The heartbreak of software licensing

For the most part, I don't deal with software licensing. I like it this way. WWU has one person who has dealing with software licensing as a core part of her job. She does a great job at it! And like a tax-accountant, the fact that this is what she does day in and day out means that I rarely end up applying head to appropriate walls over licensing.

Licensing is a hard, hard problem, especially when you throw in that heady mix of virtualization and discounts into the mix. The software industry as a whole is still figuring out how to license stuff in a virtual environment, and we work in an industry that typically gets discounts above and beyond what others get. Add in a healthy dash of smaller software vendors that have simpler licensing regimes, and you have enough for a full time job.

Our particular place in the software ecosystem is defined by these characteristics:

  • Higher Education
  • State Government (we are a public university that received state support)
  • ~4,200 staff
  • ~14,000 full-time-equivalent students
  • ~23,000 users (+/- 1500 depending on our exact percentage of part-timer students and where we are in the year)
  • ~1,800 computer-lab seats
  • ~3,000 computers
Any given software licensing regime will take one or more of the above. Most will take 'Higher Ed' into account into their licensing, which we appreciate since it makes it cheaper. Being State means we can leverage master-contracts negotiated by the State, but frequently the higher-ed discount makes independent contracts cheaper than going through Olympia.
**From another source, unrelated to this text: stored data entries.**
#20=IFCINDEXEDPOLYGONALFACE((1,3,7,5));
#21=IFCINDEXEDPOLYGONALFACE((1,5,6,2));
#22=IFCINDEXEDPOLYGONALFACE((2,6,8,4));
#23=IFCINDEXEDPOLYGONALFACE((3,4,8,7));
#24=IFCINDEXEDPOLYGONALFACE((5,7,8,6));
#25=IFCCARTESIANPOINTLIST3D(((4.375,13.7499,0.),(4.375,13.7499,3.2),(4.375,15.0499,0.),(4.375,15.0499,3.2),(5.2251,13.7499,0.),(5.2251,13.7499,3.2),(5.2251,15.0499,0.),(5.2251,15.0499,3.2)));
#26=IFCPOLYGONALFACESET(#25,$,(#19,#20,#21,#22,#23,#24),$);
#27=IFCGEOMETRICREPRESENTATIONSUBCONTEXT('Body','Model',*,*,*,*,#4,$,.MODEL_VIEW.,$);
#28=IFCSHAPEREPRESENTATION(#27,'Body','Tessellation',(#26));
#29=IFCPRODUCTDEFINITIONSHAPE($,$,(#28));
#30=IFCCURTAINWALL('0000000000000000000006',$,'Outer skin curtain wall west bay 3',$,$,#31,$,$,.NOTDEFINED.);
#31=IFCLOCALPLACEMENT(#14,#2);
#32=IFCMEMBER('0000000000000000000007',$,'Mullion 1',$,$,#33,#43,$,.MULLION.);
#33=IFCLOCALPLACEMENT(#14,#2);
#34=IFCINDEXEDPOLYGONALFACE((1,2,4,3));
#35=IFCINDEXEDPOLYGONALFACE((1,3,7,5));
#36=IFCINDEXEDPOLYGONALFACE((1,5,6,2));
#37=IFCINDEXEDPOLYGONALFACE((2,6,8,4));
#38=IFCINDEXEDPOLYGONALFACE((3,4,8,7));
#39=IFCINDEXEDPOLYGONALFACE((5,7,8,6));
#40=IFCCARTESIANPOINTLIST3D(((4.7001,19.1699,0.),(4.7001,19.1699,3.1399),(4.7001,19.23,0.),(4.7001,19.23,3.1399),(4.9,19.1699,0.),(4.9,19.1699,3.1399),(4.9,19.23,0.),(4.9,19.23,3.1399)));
Then comes the rest of it.

For stuff that everyone gets, like anti-virus software, the per-seat charge is where we pay the closest attention. The last time the AV contract went out for bid, the entity that won did so in large part because they applied their per-seat charge against the staff count (4,200), where the others applied it to the FTE-student + Staff number (18,200); even with a higher per-seat charge that still came in markedly cheaper.
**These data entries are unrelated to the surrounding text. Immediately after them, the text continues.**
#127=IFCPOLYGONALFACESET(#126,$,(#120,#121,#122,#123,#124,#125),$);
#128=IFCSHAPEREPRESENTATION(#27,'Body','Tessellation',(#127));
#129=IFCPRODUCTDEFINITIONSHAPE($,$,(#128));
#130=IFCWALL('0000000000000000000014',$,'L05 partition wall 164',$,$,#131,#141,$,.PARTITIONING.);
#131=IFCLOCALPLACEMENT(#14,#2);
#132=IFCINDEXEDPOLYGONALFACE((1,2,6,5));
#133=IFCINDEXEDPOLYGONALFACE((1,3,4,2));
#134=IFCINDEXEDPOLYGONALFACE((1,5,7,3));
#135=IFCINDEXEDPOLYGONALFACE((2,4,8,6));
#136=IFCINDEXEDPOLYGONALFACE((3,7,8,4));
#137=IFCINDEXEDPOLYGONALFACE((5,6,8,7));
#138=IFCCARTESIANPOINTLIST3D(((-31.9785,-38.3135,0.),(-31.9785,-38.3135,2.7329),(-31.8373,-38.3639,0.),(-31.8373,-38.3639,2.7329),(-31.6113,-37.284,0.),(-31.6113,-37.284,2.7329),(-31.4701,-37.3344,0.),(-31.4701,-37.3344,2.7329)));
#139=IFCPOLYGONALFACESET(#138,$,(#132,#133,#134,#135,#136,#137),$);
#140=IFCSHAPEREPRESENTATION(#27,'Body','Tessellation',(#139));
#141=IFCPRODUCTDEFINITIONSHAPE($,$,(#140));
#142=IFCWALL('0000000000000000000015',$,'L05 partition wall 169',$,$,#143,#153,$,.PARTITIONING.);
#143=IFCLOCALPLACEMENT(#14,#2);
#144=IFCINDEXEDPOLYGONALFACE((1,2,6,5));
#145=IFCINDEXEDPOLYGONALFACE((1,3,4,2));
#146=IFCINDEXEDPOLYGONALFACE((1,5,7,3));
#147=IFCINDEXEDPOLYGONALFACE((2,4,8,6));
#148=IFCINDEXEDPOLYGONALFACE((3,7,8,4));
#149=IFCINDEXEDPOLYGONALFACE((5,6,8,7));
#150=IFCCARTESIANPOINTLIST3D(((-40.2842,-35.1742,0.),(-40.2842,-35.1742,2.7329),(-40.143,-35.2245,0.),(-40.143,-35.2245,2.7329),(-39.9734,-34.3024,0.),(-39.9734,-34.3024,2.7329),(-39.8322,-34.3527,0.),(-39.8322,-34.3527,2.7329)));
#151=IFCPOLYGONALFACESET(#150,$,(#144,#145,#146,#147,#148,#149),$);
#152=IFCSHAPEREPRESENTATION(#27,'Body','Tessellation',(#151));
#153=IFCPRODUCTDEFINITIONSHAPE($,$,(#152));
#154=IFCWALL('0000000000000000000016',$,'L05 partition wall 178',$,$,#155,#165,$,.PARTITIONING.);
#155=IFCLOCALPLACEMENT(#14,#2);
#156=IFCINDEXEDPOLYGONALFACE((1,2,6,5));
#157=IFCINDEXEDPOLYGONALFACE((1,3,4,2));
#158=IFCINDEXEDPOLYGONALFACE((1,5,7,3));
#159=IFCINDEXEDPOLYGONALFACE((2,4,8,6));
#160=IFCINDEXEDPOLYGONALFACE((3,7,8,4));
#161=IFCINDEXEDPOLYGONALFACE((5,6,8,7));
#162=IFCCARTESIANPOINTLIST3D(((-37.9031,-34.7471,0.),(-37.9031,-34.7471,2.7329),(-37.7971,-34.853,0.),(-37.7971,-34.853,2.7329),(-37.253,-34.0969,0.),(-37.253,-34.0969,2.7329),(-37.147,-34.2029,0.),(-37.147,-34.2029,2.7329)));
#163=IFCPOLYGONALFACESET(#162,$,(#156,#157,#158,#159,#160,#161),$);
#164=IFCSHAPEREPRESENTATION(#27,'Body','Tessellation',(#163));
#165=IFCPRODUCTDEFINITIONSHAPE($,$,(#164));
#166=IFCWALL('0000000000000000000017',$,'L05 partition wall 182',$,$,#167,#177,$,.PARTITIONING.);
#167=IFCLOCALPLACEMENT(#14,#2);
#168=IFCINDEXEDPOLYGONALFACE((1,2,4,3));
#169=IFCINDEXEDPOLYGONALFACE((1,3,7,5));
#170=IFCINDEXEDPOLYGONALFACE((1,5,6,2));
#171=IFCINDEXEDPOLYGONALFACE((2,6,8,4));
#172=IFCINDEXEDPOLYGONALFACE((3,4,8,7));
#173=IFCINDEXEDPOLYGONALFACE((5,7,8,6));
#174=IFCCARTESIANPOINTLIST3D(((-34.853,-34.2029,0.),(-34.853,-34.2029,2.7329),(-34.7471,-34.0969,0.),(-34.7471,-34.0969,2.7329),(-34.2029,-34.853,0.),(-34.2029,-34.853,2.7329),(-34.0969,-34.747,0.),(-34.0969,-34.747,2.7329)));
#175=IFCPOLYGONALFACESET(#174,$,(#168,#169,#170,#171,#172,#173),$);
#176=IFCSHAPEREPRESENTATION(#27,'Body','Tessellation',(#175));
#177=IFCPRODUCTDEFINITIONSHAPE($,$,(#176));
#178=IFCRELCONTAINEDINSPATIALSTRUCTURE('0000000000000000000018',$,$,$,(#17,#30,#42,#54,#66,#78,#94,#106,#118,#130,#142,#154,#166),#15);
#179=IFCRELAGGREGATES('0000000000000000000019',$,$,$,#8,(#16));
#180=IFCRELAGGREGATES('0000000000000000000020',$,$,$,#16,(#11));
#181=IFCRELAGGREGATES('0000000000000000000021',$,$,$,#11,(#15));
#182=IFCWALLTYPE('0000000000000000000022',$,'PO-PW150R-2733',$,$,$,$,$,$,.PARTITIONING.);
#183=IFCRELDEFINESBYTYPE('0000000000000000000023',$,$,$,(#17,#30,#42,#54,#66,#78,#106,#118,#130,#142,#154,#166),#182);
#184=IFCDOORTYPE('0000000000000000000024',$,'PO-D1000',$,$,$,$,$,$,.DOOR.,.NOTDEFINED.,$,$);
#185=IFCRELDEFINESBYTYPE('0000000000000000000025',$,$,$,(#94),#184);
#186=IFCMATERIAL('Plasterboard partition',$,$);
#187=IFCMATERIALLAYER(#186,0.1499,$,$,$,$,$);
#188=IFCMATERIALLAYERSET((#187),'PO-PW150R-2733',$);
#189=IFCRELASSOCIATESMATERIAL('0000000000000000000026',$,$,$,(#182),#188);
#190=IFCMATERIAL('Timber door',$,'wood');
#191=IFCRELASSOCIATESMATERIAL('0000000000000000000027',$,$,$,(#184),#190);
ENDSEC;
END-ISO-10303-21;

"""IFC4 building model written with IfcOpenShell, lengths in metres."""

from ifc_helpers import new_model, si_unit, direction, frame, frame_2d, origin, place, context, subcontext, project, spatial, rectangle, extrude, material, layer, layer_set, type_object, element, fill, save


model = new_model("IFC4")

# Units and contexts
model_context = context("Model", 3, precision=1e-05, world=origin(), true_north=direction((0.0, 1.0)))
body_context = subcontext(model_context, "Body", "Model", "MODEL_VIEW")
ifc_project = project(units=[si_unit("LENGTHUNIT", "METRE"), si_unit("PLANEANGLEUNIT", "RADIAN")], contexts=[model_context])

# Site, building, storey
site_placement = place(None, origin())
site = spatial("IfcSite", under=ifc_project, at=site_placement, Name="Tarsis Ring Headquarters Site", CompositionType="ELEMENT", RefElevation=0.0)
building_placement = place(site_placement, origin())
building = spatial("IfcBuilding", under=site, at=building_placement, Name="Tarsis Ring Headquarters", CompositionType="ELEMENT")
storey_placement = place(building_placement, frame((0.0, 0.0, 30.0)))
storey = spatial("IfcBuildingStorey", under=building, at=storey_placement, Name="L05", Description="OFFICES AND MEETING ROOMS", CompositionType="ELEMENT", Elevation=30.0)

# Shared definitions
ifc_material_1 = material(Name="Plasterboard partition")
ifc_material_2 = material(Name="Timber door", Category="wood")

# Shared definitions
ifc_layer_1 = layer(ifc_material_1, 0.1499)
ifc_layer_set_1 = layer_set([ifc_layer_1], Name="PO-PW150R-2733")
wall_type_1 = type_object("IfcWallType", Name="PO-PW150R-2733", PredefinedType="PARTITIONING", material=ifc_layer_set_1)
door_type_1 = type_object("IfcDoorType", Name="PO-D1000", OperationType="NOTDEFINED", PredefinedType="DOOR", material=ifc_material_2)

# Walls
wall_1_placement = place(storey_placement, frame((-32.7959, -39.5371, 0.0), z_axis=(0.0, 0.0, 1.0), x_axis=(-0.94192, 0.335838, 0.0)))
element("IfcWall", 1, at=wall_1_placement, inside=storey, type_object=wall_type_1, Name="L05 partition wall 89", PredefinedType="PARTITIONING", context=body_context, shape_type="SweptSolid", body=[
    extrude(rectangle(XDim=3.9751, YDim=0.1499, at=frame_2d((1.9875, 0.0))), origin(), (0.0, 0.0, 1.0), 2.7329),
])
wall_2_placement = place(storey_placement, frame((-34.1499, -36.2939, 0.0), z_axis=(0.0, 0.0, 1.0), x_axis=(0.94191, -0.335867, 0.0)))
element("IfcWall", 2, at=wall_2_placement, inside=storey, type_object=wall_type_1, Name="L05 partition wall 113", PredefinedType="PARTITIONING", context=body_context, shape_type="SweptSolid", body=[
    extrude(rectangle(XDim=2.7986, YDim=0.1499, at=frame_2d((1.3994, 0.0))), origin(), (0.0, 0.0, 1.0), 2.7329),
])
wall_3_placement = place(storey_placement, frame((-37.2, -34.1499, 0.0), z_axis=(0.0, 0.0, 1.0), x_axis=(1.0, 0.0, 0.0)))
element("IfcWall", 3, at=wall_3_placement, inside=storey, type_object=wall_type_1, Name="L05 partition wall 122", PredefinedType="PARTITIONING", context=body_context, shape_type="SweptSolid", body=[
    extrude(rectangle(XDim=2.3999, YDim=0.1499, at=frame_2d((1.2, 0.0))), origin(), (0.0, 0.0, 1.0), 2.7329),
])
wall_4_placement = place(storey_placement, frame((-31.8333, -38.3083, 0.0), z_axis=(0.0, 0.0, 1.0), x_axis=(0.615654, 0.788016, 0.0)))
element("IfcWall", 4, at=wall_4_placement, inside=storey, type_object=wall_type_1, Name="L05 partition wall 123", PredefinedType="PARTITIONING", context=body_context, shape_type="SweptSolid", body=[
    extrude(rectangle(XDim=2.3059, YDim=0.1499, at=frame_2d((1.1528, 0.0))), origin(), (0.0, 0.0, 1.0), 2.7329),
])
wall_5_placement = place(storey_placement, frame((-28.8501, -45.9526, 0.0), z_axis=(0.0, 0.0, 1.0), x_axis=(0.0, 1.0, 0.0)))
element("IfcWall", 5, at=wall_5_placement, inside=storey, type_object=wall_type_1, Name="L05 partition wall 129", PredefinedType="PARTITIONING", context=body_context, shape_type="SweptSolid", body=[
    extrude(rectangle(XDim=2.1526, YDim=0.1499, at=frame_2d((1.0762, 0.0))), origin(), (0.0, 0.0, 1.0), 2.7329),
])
For stuff that goes on every lab-seat, we have a mix of software that has to be licensed for every seat (1800) or a concurrency arrangement that requires a license server. We like the concurrency arrangement, but it means we need a license server.

Which brings me to license servers. We do have a FlexLM license-server, but not everything uses FlexLM. Also, FlexLM version support may end up forcing us to have more than one licensing server (which incurs OS licensing costs). It's working, but a trial.



That's end-user software licensing, but IT-software can be worse. We solved our Microsoft problem by caving and getting a Select agreement. While our client-access-licenses are covered, we still need to purchase Server licenses. Rolling out Exchange 2010 required picking up OS and Exchange server licenses, but we didn't have to worry about umpteen thousand CALs for our end-users. Simple, in its way. However, knowing, or know how to find out, what exact products are covered by our Select agreement is part of why our licensing person does this full time.

I have yet to meet the system administrator of any experience who hasn't had to shake their fist at ala-carte pricing for IT software. We ended up changing our backup vendor over a gross misunderstanding of the differences in licensing models between our old vender and the prospective new one. The new one wasn't any cheaper, the biggest benefit there is that we had to buy new licenses a lot less often than we had to with the old vendor.

IT software pricing competence is the biggest value-add that Value Added Resellers give, at least for us (see also, Higher Ed discounts). We don't do enough volume with IT software for our in-house software person to gain any real experience with it, so we have to trust outsiders. We trust them to know WTF they're talking about when it comes to reselling IT software. Which means that when they fail us, we get very angry. The backup software debacle ended up costing us about 120% more than we expected to pay once we got truly fully licensed for what we wanted to do, and getting to that step took nearly two years before we got it all ironed out. Since then, however, they've caught things we never even knew existed.

Like tax accountants handling very complex returns, getting a definitive answer for what is exactly the amount of licensing needed varies with who you ask. You'd think the rules would be nicely deterministic, but that presupposes complete knowledge of the whole system and uniform understanding of definitions. In the past when attempting to get an idea as to what licensing was required for a specific thing I'm thinking about we've gotten different answers from different people at the vendor itself, as well as a couple of VARs. Four people, four answers, two of whom actually work for who we were trying to buy from, fairly large price spread (though the higher-ed discount percentage was uniform across all of them).

Who do you trust? Whichever one sounds reasonable, and hope. If you get in trouble with a vendor, at least you have someone complicit in your unintended perfidity. In the case of the backup software we learned the hard way that how the software enforces licenses was different from how the VAR understood licensing to work (imperfect understanding of definitions). They did help make things right, but the sheer magnitude of the definition misunderstanding still made it very expensive.



For entities smaller than us, licensing is just as much of a head-ache, especially for end-user software. They may not have a Select agreement so may be purchasing off of the Microsoft/Adobe/Apple rolling cart. Virtual desktops, which we've avoided so far, make that hard to pin down since the definition of 'machine' is variable. I'm not in that space, but I hear things. It's hard.

It's hard everywhere.

I would not be at all surprised if someone could found a business on advising companies on software licensing issues.